The block is updated only in the cache.
Dirty words in the existing block are written back to memory, the, the new block is fetched from memory, updated in the cache, and updated in memory.

3. Which of the following best describes the behavior of the OS during a TLB miss on a MIPS machine?

Nothing, the miss is handled in hardware.
The OS loads up the TLB with the correct page table entry, and context switches to another program.
The program has performed an illegal operation, so it is killed.
The OS loads up the TLB with the correct page table entry, and restarts the program.
The OS brings the right page in from disk.

4. Which of the following best describes the behavior of the OS during a page fault?

Nothing, the page fault is handled in hardware.
The OS initiates a disk I/O to bring in the right page, and context switches to another program.
The OS loads up the TLB with the correct page table entry, and context switches to another program.
The OS brings in the right page from disk.
The OS initiates a disk I/O to bring in the right page, and restarts the faulting program.

Question 7. Cache Organization (5 points)

Suppose we have a cache with block (line) size of 8 words (32 bytes) and that this cache has a total of 1024 (1K) lines.

1. What is the total capacity of the cache (in bytes)?

2. Show how the below 32 bit address is broken into its 3 component parts (tag, index, discard).

+----------------------+
|                      |
+----------------------+

Question 8. Virtual Memory & Paging (12 points)

Suppose we have a page-based virtual memory system with 8KB pages, and that we wish to have a 4GB virtual address space.

1. How many entries are in the page table?

2. If each page table entry is 4 bytes, how large is the page table (in bytes)?

3. Show how the below 32 bit address is broken into its 2 component parts (virtual page number and offset).

+----------------------+
|                      |
+----------------------+

4. How can the OS allow process P1 to share a region of memory with process P2 in a page-based VM system?

5. How can the OS guarantee that process P1 doesn't get to read or write memory belonging to process P3 in a page-based VM system?

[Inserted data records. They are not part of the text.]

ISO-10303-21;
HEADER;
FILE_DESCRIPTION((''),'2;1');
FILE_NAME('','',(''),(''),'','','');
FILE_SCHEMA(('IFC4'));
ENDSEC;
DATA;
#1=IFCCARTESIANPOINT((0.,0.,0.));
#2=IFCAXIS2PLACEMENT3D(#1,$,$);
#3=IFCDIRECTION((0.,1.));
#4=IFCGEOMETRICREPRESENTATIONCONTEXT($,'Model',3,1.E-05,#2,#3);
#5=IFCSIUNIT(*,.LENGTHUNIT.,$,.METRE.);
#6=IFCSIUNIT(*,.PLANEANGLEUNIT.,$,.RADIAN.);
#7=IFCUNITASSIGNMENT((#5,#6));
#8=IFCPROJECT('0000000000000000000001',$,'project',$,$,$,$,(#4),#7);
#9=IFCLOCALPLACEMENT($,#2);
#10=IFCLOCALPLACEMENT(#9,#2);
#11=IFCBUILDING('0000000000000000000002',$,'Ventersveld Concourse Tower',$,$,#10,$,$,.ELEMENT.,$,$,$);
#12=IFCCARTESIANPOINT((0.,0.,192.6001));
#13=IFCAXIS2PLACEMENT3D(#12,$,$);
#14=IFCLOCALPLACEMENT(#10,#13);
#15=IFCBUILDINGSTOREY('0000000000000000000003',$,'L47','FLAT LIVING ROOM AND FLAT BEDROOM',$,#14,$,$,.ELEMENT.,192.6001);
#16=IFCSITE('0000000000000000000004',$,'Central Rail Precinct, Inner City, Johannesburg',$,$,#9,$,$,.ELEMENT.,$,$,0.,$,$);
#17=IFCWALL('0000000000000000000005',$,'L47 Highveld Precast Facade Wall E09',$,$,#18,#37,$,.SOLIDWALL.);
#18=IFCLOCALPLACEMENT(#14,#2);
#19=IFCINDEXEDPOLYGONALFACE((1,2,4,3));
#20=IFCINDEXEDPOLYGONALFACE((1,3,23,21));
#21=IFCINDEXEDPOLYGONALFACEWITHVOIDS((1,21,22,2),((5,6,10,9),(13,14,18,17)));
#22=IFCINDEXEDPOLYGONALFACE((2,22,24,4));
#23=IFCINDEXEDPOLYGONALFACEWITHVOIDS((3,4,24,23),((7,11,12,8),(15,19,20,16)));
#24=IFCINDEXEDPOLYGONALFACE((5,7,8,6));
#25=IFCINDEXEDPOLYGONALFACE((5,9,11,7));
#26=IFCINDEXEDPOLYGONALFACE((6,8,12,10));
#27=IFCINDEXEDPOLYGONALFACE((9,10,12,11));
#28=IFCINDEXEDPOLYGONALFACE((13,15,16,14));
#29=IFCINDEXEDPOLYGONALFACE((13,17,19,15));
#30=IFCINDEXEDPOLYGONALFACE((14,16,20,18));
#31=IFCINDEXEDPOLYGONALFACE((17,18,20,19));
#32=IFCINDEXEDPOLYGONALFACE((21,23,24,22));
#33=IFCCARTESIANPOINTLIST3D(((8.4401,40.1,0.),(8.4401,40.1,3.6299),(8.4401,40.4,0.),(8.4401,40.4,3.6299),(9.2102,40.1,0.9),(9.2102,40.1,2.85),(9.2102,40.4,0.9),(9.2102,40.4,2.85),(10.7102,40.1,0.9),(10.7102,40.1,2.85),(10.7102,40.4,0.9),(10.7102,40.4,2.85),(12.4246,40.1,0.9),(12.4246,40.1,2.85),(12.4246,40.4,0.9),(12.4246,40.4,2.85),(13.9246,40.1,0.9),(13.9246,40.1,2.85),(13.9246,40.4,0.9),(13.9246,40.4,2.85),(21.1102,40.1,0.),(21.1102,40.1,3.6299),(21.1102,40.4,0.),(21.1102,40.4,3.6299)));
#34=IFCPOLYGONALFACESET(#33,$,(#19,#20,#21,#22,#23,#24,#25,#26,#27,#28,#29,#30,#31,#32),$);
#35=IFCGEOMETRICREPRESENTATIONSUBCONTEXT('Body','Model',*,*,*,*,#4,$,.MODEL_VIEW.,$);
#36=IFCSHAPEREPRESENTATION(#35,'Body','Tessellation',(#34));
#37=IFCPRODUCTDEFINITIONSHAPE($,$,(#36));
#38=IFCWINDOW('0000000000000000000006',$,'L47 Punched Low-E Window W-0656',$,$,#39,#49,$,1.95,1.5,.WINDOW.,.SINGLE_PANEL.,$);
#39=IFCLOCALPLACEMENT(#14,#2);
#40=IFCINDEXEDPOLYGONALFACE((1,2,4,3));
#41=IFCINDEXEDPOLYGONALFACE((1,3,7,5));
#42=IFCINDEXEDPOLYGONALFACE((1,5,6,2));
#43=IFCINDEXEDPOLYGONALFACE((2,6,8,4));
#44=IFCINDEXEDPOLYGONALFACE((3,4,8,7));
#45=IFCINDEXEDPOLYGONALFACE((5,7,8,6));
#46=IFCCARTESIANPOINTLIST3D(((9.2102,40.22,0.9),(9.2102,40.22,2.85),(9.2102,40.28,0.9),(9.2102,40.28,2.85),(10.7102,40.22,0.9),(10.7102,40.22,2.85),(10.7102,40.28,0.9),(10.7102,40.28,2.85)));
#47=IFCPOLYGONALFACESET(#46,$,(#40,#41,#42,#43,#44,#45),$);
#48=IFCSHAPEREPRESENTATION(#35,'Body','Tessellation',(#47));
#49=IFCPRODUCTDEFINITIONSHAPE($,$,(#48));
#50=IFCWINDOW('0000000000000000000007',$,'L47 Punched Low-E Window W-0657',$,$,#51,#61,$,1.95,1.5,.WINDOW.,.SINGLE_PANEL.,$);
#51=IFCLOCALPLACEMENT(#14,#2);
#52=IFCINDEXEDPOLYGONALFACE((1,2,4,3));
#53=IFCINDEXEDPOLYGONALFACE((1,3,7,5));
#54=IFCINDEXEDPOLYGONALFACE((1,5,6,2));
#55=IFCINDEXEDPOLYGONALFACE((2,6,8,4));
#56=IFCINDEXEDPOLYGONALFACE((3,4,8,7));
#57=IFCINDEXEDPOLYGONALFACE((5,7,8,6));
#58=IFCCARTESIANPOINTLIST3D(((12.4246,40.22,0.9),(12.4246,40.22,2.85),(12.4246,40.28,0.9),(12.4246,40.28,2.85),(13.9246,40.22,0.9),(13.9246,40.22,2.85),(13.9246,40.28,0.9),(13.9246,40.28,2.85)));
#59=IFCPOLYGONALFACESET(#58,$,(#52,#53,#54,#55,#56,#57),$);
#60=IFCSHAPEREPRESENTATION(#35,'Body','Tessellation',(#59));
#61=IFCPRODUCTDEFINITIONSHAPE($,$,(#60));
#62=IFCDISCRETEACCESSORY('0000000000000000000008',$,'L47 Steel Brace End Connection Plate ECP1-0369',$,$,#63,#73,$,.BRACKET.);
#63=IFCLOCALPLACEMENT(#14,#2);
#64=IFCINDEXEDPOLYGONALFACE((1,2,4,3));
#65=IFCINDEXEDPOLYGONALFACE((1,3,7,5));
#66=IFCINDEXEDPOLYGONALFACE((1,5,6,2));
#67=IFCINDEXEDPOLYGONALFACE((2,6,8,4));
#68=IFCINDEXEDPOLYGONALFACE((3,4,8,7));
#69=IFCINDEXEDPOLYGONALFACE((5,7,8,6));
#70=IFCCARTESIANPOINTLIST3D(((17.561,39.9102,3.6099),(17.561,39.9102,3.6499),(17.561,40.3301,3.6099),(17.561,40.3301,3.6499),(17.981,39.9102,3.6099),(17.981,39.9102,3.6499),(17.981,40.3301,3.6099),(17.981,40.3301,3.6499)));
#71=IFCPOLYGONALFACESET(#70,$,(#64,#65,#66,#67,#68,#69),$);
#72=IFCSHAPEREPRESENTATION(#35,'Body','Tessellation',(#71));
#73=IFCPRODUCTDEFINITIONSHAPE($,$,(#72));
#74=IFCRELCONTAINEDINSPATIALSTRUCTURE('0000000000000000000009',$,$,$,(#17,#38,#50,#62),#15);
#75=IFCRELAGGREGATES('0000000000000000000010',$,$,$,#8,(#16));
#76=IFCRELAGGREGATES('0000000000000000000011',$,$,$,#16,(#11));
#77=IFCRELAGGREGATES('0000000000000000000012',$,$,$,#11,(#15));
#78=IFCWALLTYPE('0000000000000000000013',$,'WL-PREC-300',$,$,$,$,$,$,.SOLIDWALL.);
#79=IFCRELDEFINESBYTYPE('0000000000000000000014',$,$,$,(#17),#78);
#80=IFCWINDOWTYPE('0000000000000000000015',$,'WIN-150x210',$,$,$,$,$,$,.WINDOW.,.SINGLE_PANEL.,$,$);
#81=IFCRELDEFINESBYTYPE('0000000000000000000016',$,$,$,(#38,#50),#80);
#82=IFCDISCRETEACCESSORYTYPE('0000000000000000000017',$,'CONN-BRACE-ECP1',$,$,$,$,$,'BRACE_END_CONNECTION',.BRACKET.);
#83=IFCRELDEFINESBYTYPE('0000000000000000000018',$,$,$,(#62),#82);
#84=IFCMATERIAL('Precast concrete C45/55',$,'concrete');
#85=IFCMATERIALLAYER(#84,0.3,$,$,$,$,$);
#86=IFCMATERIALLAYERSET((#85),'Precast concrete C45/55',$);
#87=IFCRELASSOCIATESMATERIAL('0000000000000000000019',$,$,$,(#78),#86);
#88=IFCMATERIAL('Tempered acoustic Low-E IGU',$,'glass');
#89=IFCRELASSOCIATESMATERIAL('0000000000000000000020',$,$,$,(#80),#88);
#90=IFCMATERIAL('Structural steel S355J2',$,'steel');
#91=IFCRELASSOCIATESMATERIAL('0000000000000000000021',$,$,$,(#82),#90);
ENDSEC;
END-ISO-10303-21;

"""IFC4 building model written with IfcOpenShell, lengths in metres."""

from ifc_helpers import new_model, si_unit, direction, frame, frame_2d, origin, origin_2d, place, context, subcontext, project, spatial, rectangle, extrude, material, layer, layer_set, type_object, element, fill, save


model = new_model("IFC4")

# Units and contexts
model_context = context("Model", 3, precision=1e-05, world=origin(), true_north=direction((0.0, 1.0)))
body_context = subcontext(model_context, "Body", "Model", "MODEL_VIEW")
ifc_project = project(units=[si_unit("LENGTHUNIT", "METRE"), si_unit("PLANEANGLEUNIT", "RADIAN")], contexts=[model_context])

# Site, building, storey
site_placement = place(None, origin())
site = spatial("IfcSite", under=ifc_project, at=site_placement, Name="Central Rail Precinct, Inner City, Johannesburg", CompositionType="ELEMENT", RefElevation=0.0)
building_placement = place(site_placement, origin())
building = spatial("IfcBuilding", under=site, at=building_placement, Name="Ventersveld Concourse Tower", CompositionType="ELEMENT")
storey_placement = place(building_placement, frame((0.0, 0.0, 192.6001)))
storey = spatial("IfcBuildingStorey", under=building, at=storey_placement, Name="L47", Description="FLAT LIVING ROOM AND FLAT BEDROOM", CompositionType="ELEMENT", Elevation=192.6001)

# Shared definitions
ifc_material_1 = material(Name="Structural steel S355J2", Category="steel")

# Shared definitions
ifc_material_2 = material(Name="Precast concrete C45/55", Category="concrete")
ifc_layer_1 = layer(ifc_material_2, 0.3)
ifc_layer_set_1 = layer_set([ifc_layer_1], Name="Precast concrete C45/55")
wall_type_1 = type_object("IfcWallType", Name="WL-PREC-300", PredefinedType="SOLIDWALL", material=ifc_layer_set_1)

# Wall, openings, windows
wall_1_placement = place(storey_placement, frame((21.1101, 40.25, 0.0), z_axis=(0.0, 0.0, 1.0), x_axis=(-1.0, 0.0, 0.0)))
wall_1 = element("IfcWall", 1, at=wall_1_placement, inside=storey, type_object=wall_type_1, Name="L47 Highveld Precast Facade Wall E09", PredefinedType="SOLIDWALL", context=body_context, shape_type="SweptSolid", body=[
    extrude(rectangle(XDim=12.6702, YDim=0.3, at=frame_2d((6.335, 0.0))), origin(), (0.0, 0.0, 1.0), 3.6299),
])
opening_1_placement = place(wall_1_placement, frame((10.3999, 0.0, 0.8999)))
opening_1 = element("IfcOpeningElement", 2, at=opening_1_placement, cuts=wall_1, PredefinedType="OPENING", context=body_context, shape_type="SweptSolid", body=[
    extrude(rectangle(XDim=1.5, YDim=1.95, at=frame_2d((0.75, 0.9751))), frame((0.0, 0.1602, 0.0), z_axis=(0.0, -1.0, 0.0), x_axis=(1.0, 0.0, 0.0)), (0.0, 0.0, 1.0), 0.3201),
])
opening_2_placement = place(wall_1_placement, frame((7.1855, 0.0, 0.8999)))
opening_2 = element("IfcOpeningElement", 3, at=opening_2_placement, cuts=wall_1, PredefinedType="OPENING", context=body_context, shape_type="SweptSolid", body=[
    extrude(rectangle(XDim=1.5, YDim=1.95, at=frame_2d((0.75, 0.9751))), frame((0.0, 0.1602, 0.0), z_axis=(0.0, -1.0, 0.0), x_axis=(1.0, 0.0, 0.0)), (0.0, 0.0, 1.0), 0.3201),
])
ifc_material_3 = material(Name="Tempered acoustic Low-E IGU", Category="glass")
window_type = type_object("IfcWindowType", Name="WIN-150x210", PartitioningType="SINGLE_PANEL", PredefinedType="WINDOW", material=ifc_material_3)
window_1_placement = place(opening_1_placement, origin())
window_1 = element("IfcWindow", 4, at=window_1_placement, inside=storey, type_object=window_type, Name="L47 Punched Low-E Window W-0656", OverallHeight=1.95, OverallWidth=1.5, PartitioningType="SINGLE_PANEL", PredefinedType="WINDOW", context=body_context, shape_type="SweptSolid", body=[
    extrude(rectangle(XDim=1.5, YDim=1.95, at=frame_2d((0.75, 0.9751))), frame((0.0, 0.03, 0.0), z_axis=(0.0, -1.0, 0.0), x_axis=(1.0, 0.0, 0.0)), (0.0, 0.0, 1.0), 0.0601),
])
fill(opening_1, window_1)
window_2_placement = place(opening_2_placement, origin())
window_2 = element("IfcWindow", 5, at=window_2_placement, inside=storey, type_object=window_type, Name="L47 Punched Low-E Window W-0657", OverallHeight=1.95, OverallWidth=1.5, PartitioningType="SINGLE_PANEL", PredefinedType="WINDOW", context=body_context, shape_type="SweptSolid", body=[
    extrude(rectangle(XDim=1.5, YDim=1.95, at=frame_2d((0.75, 0.9751))), frame((0.0, 0.03, 0.0), z_axis=(0.0, -1.0, 0.0), x_axis=(1.0, 0.0, 0.0)), (0.0, 0.0, 1.0), 0.0601),
])
fill(opening_2, window_2)

# Discrete accessory
discrete_accessory_type = type_object("IfcDiscreteAccessoryType", Name="CONN-BRACE-ECP1", ElementType="BRACE_END_CONNECTION", PredefinedType="BRACKET", material=ifc_material_1)
discrete_accessory_placement = place(storey_placement, frame((17.771, 40.1201, 3.6099), z_axis=(0.0, 0.0, 1.0), x_axis=(1.0, 0.0, 0.0)))
element("IfcDiscreteAccessory", 6, at=discrete_accessory_placement, inside=storey, type_object=discrete_accessory_type, Name="L47 Steel Brace End Connection Plate ECP1-0369", PredefinedType="BRACKET", context=body_context, shape_type="SweptSolid", body=[
    extrude(rectangle(XDim=0.4199, YDim=0.4199, at=origin_2d()), origin(), (0.0, 0.0, 1.0), 0.04),
])

save(model, "model.ifc")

Question 9. TRUE/FALSE (15 points)

TRUE / FALSE Paging systems usually use a write-through policy in order to keep the disk coherent with memory.
TRUE / FALSE TLBs are used to cache data on pages.
TRUE / FALSE Page faults are generally handled in hardware.
TRUE / FALSE Higher associativity reduces conflict misses.
TRUE / FALSE Larger lines (blocks) in a cache may increase conflict misses.
TRUE / FALSE Larger caches decrease both the overall miss rate and access time.
TRUE / FALSE An advantage of smaller disks (in diameter) is that the seek time decreases.
TRUE / FALSE By spinning disks faster we can decrease the rotational latency of a disk I/O.
TRUE / FALSE The ethernet is an example of an interconnection network that uses centralized arbitration.
TRUE / FALSE In the MIPS procedure call convention, leaf procedures (those that don't call any other procedures) often don't have to save any registers.
TRUE / FALSE The VAX implementation is complicated by the many addressing modes provided by the the ISA.
TRUE / FALSE In the BEQ instruction, a branch target may not be further than 2^15 bytes away.
TRUE / FALSE Compilers for the MIPS will typically place long-lived values into caller-saved registers ($T0-$T9) in order to minimize loads and stores to/from the stack.
TRUE / FALSE The cycle time of a pipelined machine is determined by the maximum time required to complete a single stage of the pipeline.
TRUE / FALSE This statement is false.

Question 10. (4 points)

Explain why TLBs are typically fully associative (or have a high degree of associativity) rather than direct mapped?